There’s a pretty interesting description on pages 411-3 of a trip Roy Cohn took to Vienna to find out what works by American authors were approved by the Soviets:

“In Vienna Cohn and Schine paid a hasty visit to the Soviet Information Center, where they were observed going through the file cards to determine what works of American authors were deemed acceptable to the Soviet. Armed with this evidence, they then walked the three blocks to the U.S. Information Center--a unit of the much-attacked International Information Administration--and there they conducted some eager researches into our card files to see if we were distributing books that the Russians found acceptable. By this astute cross-checking, they made a momentous discovery. The works of Mark Twain were on display in both the American and Russian information centers.
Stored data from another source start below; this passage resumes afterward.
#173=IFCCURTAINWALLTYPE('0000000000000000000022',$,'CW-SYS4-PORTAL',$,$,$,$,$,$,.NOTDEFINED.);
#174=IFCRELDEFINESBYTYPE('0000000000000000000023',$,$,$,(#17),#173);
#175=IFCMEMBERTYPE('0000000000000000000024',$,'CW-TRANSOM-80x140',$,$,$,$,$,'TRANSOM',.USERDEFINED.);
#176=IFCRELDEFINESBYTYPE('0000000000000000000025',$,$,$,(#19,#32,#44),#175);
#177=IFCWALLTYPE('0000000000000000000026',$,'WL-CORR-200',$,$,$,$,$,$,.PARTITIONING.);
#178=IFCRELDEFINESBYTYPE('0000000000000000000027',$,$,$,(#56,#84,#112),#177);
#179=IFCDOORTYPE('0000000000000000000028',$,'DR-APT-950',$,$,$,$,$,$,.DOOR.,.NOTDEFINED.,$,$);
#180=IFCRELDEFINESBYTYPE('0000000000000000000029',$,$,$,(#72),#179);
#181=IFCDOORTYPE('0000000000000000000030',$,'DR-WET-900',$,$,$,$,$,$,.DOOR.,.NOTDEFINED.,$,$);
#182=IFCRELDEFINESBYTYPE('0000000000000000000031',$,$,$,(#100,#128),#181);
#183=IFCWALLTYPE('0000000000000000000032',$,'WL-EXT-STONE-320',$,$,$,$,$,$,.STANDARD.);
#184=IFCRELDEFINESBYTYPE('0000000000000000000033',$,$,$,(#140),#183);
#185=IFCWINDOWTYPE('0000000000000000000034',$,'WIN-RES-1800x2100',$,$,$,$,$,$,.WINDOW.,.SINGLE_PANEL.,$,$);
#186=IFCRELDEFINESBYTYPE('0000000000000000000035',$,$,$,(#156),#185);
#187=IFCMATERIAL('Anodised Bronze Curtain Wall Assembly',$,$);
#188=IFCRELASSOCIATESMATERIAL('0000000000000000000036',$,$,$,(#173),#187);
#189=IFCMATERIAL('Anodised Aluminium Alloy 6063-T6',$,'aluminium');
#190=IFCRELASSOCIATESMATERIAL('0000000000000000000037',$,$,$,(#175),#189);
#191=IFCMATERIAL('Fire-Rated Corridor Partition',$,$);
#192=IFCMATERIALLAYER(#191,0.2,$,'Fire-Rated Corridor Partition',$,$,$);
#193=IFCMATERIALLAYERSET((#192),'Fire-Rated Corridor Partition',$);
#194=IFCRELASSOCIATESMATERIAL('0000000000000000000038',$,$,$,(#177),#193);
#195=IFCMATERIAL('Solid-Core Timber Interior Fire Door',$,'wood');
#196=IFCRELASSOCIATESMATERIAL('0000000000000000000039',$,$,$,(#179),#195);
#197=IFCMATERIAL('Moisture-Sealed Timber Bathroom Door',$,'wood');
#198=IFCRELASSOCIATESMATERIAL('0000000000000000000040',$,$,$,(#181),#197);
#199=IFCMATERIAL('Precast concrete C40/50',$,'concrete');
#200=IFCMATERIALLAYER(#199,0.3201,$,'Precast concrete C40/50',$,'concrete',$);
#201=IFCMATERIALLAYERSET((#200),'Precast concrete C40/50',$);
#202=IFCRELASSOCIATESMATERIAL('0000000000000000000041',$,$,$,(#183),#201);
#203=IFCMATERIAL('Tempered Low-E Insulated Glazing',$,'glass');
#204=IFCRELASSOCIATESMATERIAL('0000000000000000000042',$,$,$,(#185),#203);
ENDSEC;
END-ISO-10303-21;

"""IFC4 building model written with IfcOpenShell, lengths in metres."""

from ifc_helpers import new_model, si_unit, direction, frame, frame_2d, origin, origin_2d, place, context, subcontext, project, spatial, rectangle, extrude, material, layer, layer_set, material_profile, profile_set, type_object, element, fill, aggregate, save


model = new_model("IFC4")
This was shocking, indeed, and the two young researchers were encouraged to examine the periodicals our information center was displaying. To their horror, they noted that the center did not have copies of those two distinguished American periodicals, The Freeman and the American Legion Magazine. The functionary in charge of the periodical room confessed regretfully that he had never heard of The Freeman, an obscure rightwing propaganda sheet, and he hadn't thought there were enough American legionnaires in Vienna to make it worthwhile stocking the American Legion's contribution to modern literature. Cohn and Schine cluck-clucked at this exhibition of incompetence, left Vienna, and eventually headed home. If they had done nothing else, they had revived an old-time vaudeville line so that correspondents (and many others) took to chanting in derision: "Positively, Mr. Cohn! Absolutely, Mr. Schine!"
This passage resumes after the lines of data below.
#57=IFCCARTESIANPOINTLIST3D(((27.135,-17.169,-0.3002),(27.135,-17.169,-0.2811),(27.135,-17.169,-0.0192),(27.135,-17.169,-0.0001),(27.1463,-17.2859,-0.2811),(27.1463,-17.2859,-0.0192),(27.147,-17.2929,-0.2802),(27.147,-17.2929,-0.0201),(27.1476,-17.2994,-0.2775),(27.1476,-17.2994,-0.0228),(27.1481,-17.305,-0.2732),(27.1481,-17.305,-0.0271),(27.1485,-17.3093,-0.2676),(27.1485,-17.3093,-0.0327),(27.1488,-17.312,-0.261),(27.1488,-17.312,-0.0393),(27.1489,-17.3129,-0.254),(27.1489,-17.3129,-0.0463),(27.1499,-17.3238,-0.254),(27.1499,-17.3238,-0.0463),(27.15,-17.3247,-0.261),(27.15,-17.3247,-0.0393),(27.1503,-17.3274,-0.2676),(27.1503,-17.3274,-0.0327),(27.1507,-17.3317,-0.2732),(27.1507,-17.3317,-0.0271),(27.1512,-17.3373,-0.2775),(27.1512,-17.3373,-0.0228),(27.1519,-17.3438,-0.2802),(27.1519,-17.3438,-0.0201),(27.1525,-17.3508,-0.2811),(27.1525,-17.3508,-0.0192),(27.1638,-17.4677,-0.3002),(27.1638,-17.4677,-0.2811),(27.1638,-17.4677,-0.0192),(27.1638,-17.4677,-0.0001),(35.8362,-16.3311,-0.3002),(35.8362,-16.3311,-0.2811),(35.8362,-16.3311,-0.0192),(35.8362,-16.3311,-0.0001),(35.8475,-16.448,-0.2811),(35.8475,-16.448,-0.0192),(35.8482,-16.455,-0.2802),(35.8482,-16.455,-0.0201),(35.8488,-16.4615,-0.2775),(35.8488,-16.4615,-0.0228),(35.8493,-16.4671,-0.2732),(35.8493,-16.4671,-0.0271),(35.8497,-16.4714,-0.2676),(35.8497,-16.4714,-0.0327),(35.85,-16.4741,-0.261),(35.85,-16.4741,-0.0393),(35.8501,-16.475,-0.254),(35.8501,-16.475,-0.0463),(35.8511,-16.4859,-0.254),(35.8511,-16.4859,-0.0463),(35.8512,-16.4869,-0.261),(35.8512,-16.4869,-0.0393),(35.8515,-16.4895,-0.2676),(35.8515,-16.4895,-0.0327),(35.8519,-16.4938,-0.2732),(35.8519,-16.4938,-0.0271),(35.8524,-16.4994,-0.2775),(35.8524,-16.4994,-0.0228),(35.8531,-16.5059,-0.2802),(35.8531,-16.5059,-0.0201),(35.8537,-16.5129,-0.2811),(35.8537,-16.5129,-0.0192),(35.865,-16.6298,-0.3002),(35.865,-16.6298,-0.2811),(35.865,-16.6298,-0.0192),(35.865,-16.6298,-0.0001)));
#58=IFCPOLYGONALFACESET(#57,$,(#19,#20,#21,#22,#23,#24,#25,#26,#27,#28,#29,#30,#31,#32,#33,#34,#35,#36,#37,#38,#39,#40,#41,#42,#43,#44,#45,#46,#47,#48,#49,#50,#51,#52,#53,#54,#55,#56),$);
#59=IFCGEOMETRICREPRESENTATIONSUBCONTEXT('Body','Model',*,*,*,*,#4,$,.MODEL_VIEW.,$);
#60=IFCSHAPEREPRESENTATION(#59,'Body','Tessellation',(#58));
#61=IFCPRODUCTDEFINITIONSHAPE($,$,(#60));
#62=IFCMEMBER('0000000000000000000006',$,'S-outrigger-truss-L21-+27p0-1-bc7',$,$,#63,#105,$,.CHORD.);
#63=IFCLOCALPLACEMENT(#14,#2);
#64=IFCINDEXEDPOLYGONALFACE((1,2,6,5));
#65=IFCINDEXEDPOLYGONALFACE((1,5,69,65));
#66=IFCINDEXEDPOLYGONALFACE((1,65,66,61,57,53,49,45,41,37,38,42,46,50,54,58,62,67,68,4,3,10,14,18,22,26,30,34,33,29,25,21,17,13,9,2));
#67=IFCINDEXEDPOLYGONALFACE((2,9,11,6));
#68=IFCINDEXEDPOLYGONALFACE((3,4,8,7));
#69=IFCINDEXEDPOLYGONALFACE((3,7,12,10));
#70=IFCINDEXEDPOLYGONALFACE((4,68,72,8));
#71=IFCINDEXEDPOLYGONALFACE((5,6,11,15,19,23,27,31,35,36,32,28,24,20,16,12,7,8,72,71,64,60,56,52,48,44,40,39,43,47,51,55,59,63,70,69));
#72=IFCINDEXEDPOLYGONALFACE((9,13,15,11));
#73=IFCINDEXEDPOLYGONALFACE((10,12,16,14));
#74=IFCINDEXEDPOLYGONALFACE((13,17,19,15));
Even the humor, however, had a sickness about it as a response to a performance so humiliating for the entire nation. Emmet Hughes perhaps capsuled the effect best in this anecdote:

"One small personal incident, expressive of the shame of it all, still stings in my memory. It came with a visit to my White House office, one spring afternoon, by a crippled German friend whom I had known years earlier in Berlin. The young man had almost blown himself to pieces with a grenade during World War II--in the course of making one of the anti-Nazi underground's several vain attempts upon Hitler's life. And both anger and anguish trembled in this man's voice, as he spoke of the only matter he could discuss. 'You have just sent us, you Americans, two visitors--two new-style American ambassadors, I suppose you call them,' he said. 'Whatever fantastic harm they have done elsewhere, can you imagine their impact in Germany-and on Germans still looking a little skeptically at free government? You are supposed to be the models for all us authoritarian minded Germans. Tell me, my friend--what do I say to my German friends, when they gape at Messrs. Cohn and Schine, and then ask me: 'Is this what you call democracy?'"
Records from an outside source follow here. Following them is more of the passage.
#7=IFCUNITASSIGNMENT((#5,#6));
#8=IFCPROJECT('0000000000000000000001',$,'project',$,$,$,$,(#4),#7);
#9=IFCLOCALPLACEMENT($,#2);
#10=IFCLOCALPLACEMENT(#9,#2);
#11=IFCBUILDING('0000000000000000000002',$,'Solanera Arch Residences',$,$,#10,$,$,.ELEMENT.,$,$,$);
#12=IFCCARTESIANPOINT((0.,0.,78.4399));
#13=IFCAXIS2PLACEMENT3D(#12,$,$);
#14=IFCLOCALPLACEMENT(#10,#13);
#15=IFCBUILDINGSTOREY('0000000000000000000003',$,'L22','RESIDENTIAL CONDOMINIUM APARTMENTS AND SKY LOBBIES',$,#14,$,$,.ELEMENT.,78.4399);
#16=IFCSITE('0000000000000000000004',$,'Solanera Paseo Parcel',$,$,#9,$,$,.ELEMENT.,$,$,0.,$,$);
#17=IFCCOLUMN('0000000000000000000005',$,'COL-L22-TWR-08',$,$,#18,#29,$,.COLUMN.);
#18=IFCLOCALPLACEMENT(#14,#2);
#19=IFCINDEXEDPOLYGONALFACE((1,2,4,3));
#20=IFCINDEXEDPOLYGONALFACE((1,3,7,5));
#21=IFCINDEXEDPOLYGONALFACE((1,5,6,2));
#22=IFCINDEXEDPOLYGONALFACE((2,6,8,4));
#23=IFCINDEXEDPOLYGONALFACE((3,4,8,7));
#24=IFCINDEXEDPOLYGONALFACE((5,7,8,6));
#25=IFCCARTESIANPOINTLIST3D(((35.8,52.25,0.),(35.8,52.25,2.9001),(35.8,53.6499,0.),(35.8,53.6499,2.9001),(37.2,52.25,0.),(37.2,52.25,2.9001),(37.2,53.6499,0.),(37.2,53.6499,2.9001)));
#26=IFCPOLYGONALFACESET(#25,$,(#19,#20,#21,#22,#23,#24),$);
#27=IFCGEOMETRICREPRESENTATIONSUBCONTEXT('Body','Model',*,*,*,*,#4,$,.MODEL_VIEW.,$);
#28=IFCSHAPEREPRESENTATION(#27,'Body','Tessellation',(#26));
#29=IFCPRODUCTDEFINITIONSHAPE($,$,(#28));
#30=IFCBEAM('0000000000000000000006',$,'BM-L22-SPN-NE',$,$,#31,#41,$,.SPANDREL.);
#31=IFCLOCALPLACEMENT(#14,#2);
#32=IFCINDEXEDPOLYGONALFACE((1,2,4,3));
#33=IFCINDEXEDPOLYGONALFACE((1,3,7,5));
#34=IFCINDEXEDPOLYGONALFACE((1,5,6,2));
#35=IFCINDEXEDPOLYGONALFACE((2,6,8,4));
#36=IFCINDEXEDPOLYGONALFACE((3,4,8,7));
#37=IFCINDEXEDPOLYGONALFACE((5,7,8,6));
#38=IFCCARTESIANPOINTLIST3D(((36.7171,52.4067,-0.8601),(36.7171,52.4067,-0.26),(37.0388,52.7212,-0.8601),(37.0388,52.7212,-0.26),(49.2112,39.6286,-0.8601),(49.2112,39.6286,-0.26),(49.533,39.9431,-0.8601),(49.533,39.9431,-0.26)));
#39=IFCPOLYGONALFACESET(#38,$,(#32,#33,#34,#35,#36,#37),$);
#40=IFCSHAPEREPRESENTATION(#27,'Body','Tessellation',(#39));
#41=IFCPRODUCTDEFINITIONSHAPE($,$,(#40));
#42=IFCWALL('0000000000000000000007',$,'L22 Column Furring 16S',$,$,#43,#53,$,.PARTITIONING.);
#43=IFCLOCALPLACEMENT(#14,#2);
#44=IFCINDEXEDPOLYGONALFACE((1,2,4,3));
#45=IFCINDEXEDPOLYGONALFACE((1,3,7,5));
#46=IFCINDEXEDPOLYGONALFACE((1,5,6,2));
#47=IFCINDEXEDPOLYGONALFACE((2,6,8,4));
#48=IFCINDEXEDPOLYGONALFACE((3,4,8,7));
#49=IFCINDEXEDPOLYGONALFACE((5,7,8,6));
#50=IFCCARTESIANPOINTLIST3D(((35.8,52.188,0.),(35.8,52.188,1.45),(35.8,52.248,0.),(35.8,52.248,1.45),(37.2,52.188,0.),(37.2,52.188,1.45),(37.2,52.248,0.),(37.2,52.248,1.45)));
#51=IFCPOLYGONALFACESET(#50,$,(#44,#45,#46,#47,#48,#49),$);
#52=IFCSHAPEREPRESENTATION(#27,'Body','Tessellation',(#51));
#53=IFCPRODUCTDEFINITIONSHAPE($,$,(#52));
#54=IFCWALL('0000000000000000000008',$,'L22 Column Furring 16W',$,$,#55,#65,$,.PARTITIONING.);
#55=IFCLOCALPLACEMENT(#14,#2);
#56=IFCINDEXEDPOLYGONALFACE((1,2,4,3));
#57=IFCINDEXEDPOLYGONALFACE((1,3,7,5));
There’s some discussion of what happened in the overseas libraries on pages 417-423, including Eisenhower‘s brief opposition to the quite literal, in some cases, book burnings, and lists both some specific authors and titles.

Also, you might find something relevant in the Major Speeches and Debates of Senator Joe McCarthy Delivered in the United States Senate, 1950-1951; U. S. Government Printing Office, 1953.

8Jesse_wiedinmyer
Out 5, 2007, 3:01 pm

Ooh, thank you.

9nickhoonaloon
Out 5, 2007, 4:34 pm

#7

There was a similar-but-different insiance of bizarre McCarthyite logic during the trial of W E B Du Bois and others for allegedly being unregistered foreign agents. in that instance, one of the prosecuting attorneys attempted to persuade the judge that a person (in this instance, du Bois) could legally be held to be acting as the agent of a third party even if each was unaware of the other`s existence, provided that both were expressing the same views !

David Levering Lewis in his book implies that maybe the prosecution deliberately botched the case as the following day Albert Einstein
was scheduled to appear as Du Bois` character witness and the defendants were due to give evidence on their own behalf, giving them an opportunity to make memorable statements in rebuttal.